Let \(E=l_{\infty}=\{x=(x_{1}, x_{2}, \ldots, x_{n},\ldots), \sup_{n} \vert x_{n} \vert <+\infty, t\in I\}\). It is easy to see that E is a Banach space with the norm \(\Vert x \Vert =\sup_{n} \vert x_{n} \vert \).

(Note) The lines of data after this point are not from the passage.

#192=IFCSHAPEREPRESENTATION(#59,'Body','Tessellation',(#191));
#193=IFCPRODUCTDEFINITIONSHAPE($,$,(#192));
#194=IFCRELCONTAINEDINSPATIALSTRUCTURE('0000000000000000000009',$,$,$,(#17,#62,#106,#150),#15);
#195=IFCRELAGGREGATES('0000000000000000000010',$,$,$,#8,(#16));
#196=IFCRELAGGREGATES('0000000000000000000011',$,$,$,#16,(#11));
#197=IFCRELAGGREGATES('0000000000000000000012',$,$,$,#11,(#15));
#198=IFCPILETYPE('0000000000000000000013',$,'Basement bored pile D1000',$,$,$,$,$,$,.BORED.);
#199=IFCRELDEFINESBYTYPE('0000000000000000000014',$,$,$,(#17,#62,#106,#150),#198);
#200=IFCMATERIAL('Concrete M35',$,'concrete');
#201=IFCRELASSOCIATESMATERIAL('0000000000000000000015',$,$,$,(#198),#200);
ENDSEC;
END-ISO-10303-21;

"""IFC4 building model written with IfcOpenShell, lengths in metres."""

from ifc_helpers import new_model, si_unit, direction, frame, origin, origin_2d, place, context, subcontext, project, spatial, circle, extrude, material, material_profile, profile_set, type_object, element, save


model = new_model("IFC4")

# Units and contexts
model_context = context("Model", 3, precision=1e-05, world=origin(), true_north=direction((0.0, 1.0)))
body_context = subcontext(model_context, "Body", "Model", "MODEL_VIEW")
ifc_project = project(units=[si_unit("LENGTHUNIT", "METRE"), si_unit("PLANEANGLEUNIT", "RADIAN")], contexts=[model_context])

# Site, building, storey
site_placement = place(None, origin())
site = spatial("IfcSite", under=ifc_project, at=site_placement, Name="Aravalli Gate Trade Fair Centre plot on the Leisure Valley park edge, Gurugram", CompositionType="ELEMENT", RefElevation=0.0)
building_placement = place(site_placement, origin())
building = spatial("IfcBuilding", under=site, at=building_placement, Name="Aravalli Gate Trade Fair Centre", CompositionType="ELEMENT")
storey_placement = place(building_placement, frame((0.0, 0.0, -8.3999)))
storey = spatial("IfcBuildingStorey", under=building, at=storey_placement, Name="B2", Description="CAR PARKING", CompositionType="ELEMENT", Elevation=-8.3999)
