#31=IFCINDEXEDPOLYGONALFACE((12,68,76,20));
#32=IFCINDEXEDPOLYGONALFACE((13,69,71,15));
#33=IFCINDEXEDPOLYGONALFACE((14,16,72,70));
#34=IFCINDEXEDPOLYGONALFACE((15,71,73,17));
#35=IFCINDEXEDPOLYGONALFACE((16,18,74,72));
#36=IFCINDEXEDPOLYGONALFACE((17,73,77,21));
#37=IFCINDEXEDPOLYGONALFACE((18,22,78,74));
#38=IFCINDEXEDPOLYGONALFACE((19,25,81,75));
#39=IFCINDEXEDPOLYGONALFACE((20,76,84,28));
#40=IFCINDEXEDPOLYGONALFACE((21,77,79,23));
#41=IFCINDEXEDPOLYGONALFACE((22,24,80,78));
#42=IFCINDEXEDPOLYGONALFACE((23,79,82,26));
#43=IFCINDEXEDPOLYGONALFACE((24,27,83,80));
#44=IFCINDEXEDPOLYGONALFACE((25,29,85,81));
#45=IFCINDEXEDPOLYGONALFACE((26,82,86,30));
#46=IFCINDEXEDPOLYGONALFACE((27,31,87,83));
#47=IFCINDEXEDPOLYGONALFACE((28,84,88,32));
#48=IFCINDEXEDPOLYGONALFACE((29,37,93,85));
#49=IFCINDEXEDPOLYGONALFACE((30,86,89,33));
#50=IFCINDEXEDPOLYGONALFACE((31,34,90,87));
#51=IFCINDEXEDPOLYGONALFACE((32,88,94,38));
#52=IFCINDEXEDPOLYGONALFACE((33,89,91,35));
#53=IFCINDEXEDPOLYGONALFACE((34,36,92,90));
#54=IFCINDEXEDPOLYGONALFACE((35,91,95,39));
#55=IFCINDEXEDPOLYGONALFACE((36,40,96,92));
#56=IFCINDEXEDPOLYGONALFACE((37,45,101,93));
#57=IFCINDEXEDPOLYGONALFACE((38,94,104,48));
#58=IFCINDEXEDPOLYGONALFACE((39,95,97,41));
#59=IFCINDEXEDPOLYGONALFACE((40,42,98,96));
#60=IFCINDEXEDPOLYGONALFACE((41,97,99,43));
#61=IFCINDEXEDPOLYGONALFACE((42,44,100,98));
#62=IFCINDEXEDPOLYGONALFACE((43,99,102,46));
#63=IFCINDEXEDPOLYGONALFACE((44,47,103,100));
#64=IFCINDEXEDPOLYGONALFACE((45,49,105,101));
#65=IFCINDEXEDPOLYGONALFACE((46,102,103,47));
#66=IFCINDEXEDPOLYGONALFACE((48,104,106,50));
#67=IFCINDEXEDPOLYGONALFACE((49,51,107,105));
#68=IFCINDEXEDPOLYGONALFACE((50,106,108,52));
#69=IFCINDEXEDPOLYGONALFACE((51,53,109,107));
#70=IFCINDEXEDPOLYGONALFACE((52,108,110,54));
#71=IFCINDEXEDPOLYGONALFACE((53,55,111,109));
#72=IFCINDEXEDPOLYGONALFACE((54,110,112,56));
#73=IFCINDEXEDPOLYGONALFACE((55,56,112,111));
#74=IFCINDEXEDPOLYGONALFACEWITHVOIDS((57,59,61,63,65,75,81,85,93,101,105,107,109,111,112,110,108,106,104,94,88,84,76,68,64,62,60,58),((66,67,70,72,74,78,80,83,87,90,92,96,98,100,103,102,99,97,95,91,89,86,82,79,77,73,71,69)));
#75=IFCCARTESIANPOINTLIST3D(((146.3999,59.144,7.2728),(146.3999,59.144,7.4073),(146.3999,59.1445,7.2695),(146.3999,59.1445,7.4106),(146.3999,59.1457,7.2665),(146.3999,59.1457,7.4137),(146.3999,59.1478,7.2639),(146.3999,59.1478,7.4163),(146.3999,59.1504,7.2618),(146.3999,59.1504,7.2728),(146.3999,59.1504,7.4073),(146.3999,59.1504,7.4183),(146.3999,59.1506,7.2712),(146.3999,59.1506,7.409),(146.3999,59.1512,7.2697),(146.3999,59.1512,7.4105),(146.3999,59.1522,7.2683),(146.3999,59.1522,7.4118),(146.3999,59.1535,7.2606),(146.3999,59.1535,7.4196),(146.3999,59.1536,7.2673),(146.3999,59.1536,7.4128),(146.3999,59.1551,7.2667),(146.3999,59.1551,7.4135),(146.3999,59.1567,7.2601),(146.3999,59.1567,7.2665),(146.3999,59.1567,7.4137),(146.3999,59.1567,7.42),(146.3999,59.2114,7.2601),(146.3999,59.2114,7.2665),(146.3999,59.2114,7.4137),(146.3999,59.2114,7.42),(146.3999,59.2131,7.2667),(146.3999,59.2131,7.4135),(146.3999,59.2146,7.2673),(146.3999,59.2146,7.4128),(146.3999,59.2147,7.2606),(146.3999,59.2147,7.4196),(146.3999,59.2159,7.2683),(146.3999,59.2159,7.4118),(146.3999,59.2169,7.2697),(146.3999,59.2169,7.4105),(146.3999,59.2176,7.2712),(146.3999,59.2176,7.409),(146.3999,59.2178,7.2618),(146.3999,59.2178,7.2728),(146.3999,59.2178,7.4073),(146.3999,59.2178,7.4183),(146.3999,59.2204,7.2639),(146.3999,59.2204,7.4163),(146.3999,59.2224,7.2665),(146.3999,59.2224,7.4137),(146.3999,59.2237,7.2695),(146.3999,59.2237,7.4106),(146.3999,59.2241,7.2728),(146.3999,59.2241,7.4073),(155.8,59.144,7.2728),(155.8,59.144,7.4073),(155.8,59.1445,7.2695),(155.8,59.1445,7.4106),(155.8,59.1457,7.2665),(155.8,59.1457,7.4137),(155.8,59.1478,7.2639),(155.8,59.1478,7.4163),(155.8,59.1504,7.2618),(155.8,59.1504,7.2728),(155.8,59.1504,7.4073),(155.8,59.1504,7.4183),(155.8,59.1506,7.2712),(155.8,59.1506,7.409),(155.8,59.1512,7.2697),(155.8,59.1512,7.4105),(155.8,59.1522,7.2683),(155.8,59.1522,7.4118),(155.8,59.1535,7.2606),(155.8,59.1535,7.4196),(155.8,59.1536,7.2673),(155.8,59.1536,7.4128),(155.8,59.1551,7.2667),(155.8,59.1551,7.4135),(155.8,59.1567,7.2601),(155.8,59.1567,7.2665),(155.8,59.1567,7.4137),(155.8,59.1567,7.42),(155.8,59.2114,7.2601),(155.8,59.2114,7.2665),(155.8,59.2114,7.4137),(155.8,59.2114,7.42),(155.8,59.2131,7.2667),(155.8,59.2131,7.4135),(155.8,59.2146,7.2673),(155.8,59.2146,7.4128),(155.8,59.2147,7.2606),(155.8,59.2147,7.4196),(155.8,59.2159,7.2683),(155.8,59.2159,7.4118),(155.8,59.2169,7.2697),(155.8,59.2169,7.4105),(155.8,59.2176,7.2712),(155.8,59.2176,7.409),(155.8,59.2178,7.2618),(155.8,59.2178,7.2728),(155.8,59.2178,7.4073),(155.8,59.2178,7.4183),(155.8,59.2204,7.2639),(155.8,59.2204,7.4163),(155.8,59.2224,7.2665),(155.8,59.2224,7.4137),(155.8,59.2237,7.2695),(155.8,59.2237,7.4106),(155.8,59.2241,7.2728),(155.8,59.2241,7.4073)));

We consider the following nonlocal fractional differential equations BVP:

$$ \textstyle\begin{cases} -\mathscr{D}_{0+}^{\frac{1}{2}}(\varphi_{\frac{3}{2}} (\mathscr{D}_{0+}^{\frac{3}{2}}x_{n}))(t) =[\frac{x_{n}(t)}{16(1+t)(1+t^{2})} +\frac{\sin(t)+ \sqrt{ \vert \sin(x_{n+1}(t)) \vert ^{2}}}{42n^{2}e^{\sqrt{t}}}]^{\frac {1}{2}}, \\ x_{n}(0)=0, \qquad \mathscr{D}_{0+}^{\frac{3}{2}}x_{n}(0)=0, \\ \mathscr{D}_{0+}^{\frac{1}{4}}x_{n}(1)= \frac{1}{4}\mathscr{D}_{0+}^{\frac{1}{4}}x_{n}(\frac{1}{4})+ \frac{1}{2}\mathscr{D}_{0+}^{\frac{1}{4}}x_{n}(\frac{3}{4}). \end{cases} $$
(20)

BVP (20) can be regarded as a problem with the form of BVP (2), where

$$\begin{aligned} &f(t, x)=\bigl(f_{1}(t, x), f_{2}(t, x),\ldots, f_{n}(t, x),\ldots\bigr), \\ &f_{n}(t, x)=\biggl[\frac{x_{n}(t)}{16(1+t)(1+t^{2})} +\frac{\sin(t)+\sqrt{ \vert \sin(x_{n+1}(t)) \vert ^{2}}}{ 42n^{2}e^{\sqrt{t}}} \biggr]^{\frac{1}{2}}. \end{aligned}$$

Clearly, \(\alpha=\frac{3}{2}\), \(\beta=\frac{1}{2}\), \(\gamma=\frac{1}{4}\), \(\sum_{i=1}^{m-2}\alpha_{i}=0.642<1\) and

$$\int_{0}^{t} \bigl\Vert f_{n}(s, x) \bigr\Vert \,ds\leq \varphi_{\frac{3}{2}}\biggl(\frac{1}{16(1+t)(1+t^{2})} + \frac{1}{42e^{\sqrt{t}}}\biggr). $$

Take \(l=0.02\), \(a(t)=\frac{1}{16(1+t)(1+t^{2})} +\frac{1}{42e^{\sqrt{t}}}\), \(b(t)=\frac{1}{42e^{\sqrt{t}}}\). In view of \(\Gamma(\frac{1}{2})\approx1.772\) and \(\Gamma(\frac {3}{2})\approx0.8862\), by a simple computation, we have

$$\begin{aligned} & M=\frac{\Gamma(\beta)^{1-q}}{\Gamma(\alpha)}\biggl(1+\frac{m-1}{ 1-\sum_{i=1}^{m-2}\alpha_{i}}\biggr)= 9.589, \\ & \int_{0}^{1}\bigl[(1+t)a(t)\bigr]\,dt=0.0693< M^{-1}, \\ & \int_{0}^{1}b(t)\,dt=0.0126< +\infty. \end{aligned}$$

Therefore, all the conditions of Theorem 3.1 are satisfied. Consequently, we infer that (20) has at least one solution.